Recursion, continuation, and continuation-passing style are essential ideas for functional programming languages. Have an understanding of them will help much in knowing how programming languages work; even we don’t use them in daily programming tasks.

In this post, let’s learn these concepts of programming languages with some short Python programs.

Recursion

Recursion in computer science is a method of solving a problem where the solution depends on solutions to smaller instances of the same problem.
– Wikipedia

Most modern programming language support recursion by allowing a function to call itself from within its own code. Recursion is the default programming paradigm in many functional programming languages, such as Haskell, OCaml.

Many daily programming tasks or algorithms could be implemented in recursion more easily. Suppose you want to list all the files and sub-directories of a directory recursively, recursion will be a natural choice for implementation.

Let’s have a look at this simple recursive Python program:

def fib_rec(n):
if n < 2:
return 1
else:
return fib_rec(n - 1) + fib_rec(n - 2)

print(fib_rec(5))

It is a naive implementation for computing Fibonacci numbers. A key point of recursion is there must be an exit point, the third line of return 1 is the exit point for this program.

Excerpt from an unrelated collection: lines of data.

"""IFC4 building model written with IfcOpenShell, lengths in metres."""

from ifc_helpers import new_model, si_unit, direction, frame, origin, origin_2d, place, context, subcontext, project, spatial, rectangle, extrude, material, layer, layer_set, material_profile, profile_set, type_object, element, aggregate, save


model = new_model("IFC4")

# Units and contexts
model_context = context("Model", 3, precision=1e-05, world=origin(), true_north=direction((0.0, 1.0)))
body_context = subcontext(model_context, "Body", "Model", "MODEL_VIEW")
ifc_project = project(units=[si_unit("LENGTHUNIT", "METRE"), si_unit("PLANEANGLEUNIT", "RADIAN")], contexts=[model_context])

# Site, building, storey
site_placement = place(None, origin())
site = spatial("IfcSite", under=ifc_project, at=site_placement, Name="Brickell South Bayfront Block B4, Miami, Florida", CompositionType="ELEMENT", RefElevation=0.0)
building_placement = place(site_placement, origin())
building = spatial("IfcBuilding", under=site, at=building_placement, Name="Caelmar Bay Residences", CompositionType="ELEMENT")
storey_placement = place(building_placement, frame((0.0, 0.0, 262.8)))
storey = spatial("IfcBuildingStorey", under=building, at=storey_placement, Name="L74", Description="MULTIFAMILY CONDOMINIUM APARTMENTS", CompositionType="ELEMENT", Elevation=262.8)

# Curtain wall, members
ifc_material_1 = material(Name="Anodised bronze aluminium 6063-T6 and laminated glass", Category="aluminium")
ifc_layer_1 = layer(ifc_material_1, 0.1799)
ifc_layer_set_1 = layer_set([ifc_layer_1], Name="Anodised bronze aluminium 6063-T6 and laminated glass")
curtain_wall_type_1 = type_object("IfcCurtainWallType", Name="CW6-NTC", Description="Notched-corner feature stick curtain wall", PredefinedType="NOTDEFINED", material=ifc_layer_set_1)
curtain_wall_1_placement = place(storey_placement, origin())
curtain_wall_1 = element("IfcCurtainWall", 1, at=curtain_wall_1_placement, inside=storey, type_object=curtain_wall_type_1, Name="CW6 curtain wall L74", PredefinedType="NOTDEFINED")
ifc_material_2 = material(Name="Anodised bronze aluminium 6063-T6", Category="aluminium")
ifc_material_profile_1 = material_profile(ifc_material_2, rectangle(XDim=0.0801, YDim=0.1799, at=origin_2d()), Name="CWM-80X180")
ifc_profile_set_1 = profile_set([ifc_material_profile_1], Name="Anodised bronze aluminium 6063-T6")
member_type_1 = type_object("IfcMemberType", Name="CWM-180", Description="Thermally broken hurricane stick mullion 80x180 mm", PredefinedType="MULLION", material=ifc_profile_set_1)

But what is the drawback of recursion?

Let’s add more debug information for this program, print the call depth at the beginning of the function:

import traceback
def fib_rec(n):
print(len(traceback.extract_stack()) * '*' + ": " + str(n))
if n < 2:
return 1
else:
return fib_rec(n - 1) + fib_rec(n - 2)


print(fib_rec(5))

The output will be:

The * implies the call depths of the current function call. As we can see from the output, 2 points need to notice:

  • There are duplicated computations during the whole progress. fib_rec(3), fib_rec(2), fib_rec(1) are called multiple times.
  • The call stacks will grow quickly as the input number increase. Stack overflow exception will be thrown out if we want to compute fib_rec(1000).

    How could we fix these general issues of recursion?

Tail Recursion

Tail recursion is a special form of recursion, in which the final action of a procedure calls itself again. In the above program, the last action is return 1 or return fib_rec(n-1) + fib_rec(n-2), this is not a tail recursion.

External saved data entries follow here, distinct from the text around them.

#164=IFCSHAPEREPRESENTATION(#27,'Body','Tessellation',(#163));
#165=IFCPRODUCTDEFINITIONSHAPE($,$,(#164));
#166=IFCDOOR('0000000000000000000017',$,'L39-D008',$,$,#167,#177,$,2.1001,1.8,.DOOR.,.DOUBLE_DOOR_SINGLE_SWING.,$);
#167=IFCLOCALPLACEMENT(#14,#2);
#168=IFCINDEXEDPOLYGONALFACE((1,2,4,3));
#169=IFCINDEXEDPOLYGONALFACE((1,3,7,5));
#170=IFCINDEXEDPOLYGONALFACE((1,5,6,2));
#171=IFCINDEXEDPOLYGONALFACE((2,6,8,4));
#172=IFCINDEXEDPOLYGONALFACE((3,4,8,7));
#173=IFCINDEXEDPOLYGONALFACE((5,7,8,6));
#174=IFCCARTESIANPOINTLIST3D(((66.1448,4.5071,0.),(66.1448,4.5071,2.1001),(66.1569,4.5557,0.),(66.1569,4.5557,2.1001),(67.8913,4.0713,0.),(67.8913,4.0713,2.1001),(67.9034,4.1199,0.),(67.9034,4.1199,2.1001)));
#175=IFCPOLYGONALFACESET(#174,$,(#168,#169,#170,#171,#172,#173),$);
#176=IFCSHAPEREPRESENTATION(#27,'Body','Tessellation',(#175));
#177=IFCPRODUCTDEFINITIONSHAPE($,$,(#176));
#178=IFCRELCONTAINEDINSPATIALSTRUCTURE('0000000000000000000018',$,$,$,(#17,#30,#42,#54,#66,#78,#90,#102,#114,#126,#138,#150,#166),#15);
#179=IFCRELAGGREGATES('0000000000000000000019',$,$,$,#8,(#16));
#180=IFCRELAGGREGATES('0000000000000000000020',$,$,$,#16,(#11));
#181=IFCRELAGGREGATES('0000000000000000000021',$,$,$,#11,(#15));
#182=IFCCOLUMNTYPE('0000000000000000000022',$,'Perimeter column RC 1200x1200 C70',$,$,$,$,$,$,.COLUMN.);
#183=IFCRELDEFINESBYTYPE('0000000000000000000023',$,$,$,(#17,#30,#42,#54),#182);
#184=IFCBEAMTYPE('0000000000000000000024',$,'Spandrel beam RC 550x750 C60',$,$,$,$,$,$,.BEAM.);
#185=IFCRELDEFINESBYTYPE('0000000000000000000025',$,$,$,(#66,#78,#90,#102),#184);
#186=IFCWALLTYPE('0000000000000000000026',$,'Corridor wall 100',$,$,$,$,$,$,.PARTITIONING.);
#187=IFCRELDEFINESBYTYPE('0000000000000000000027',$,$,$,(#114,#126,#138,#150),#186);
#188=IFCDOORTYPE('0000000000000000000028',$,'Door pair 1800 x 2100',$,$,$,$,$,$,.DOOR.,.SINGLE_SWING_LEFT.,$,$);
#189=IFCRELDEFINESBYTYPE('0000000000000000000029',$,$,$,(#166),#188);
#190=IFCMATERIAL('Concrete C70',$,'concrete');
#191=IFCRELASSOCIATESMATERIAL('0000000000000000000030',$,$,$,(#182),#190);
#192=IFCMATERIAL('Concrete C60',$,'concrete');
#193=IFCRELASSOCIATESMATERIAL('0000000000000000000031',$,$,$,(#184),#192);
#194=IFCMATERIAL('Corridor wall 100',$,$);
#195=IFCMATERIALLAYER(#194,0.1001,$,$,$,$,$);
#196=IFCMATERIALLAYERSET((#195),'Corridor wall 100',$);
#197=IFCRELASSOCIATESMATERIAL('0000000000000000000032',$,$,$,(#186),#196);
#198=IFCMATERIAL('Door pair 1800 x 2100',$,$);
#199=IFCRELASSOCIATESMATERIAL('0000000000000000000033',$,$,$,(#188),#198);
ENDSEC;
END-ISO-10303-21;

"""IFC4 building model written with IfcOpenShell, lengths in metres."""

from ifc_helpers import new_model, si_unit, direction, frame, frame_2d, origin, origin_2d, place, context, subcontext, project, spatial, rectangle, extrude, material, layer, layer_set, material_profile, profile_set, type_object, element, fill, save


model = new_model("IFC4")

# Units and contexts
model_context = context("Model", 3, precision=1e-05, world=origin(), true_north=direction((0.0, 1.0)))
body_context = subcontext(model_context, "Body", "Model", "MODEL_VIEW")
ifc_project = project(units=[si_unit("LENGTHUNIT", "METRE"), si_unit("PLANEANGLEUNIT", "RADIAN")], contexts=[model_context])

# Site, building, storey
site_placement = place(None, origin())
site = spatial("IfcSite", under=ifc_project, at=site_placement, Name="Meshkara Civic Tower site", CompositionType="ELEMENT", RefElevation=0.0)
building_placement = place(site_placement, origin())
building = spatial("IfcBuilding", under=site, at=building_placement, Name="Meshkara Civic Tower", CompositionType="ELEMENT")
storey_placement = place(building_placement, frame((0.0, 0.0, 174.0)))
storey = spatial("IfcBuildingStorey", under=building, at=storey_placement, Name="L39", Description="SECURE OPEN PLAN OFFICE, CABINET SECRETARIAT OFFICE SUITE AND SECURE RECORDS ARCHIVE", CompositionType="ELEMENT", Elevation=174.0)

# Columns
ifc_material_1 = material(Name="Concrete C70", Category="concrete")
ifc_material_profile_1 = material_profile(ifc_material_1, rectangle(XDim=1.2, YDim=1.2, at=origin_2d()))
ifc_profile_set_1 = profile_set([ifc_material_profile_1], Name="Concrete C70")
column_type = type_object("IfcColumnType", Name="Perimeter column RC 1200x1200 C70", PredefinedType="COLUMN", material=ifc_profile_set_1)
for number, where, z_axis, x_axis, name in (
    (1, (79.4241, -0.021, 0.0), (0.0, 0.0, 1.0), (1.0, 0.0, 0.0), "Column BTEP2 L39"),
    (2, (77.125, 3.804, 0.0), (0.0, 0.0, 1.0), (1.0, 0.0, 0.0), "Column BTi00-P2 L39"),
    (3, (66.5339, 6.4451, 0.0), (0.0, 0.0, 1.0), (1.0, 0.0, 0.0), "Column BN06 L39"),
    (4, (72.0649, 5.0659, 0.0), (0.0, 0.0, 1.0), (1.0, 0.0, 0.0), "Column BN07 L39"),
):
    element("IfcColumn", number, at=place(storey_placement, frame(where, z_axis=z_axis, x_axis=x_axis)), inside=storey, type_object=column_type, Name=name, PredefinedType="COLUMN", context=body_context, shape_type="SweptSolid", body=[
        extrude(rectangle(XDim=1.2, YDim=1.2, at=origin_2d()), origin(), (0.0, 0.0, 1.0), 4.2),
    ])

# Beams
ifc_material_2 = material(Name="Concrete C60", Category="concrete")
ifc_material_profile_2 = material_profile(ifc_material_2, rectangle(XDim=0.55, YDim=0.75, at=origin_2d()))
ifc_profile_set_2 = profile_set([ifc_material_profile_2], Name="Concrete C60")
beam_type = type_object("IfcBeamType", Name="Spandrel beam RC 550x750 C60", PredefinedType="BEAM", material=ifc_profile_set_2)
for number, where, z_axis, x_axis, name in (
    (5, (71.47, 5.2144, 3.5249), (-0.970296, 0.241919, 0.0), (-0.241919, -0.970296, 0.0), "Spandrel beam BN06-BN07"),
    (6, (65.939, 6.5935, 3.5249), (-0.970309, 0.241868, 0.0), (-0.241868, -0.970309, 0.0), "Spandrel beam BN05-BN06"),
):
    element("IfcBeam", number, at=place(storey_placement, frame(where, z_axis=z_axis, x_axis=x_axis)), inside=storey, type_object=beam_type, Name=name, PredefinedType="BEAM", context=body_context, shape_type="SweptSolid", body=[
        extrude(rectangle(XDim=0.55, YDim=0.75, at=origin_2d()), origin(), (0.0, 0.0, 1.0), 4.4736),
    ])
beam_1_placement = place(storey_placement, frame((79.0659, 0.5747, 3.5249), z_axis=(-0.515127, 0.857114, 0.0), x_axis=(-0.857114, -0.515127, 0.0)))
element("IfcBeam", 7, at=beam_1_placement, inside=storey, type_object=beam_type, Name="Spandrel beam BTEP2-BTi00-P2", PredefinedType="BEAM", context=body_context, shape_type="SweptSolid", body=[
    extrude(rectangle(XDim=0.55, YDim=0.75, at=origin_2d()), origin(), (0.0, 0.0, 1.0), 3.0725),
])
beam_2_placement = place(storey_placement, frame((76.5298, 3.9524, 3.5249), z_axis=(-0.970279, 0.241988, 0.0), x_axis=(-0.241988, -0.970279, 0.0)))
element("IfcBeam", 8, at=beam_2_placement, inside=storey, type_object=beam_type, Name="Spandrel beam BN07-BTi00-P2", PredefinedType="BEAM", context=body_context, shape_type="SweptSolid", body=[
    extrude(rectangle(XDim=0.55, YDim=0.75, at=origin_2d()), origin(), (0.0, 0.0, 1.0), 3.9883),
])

Let’s try to convert above program to tail recursion:

def fib_tail(n, acc1=1, acc2=1):
print(len(traceback.extract_stack()) * '*' + ": " + str(n))
if n < 2:
return acc1
else:
return fib_tail(n - 1, acc1 + acc2, acc1)

print(fib_tail(5))

The output is like this:

From the result, we could find out we removed some duplicated computations, we solved the issue #1 of the above program.

Tail Call Optimization (TCO)

There is a technical called tail call optimization which could solve the issue #2, and it’s implemented in many programming language’s compilers. But not implemented in Python. Guido explains why he doesn’t want tail call optimization in this post.

Anyway, let’s have an understanding of how tail call optimization works. We know that any call of sub-function will create a new stack frame during the execution. If we treat function call as a black box, we could reuse the same stack frame when the tail function call happens.

To do this, a compiler with TCO will try to eliminate the last tail call with a jump operation and fix the stack overflow issue.

Suppose if Python had a goto operation, we could replace the last call of fib_tail with goto and update the related parameters.

# NOTE!!! This is pseudo-code

def fib_tail(n, acc1=1, acc2=1):
START:
if n < 2:
return acc1
else:
#return fib_tail(n - 1, acc1 + acc2, acc1)
n = n - 1
tmp = acc1
acc1 = acc1 + acc2
acc2 = tmp
goto START

From the result, the compiler actually could convert a recursive function into an iterative version.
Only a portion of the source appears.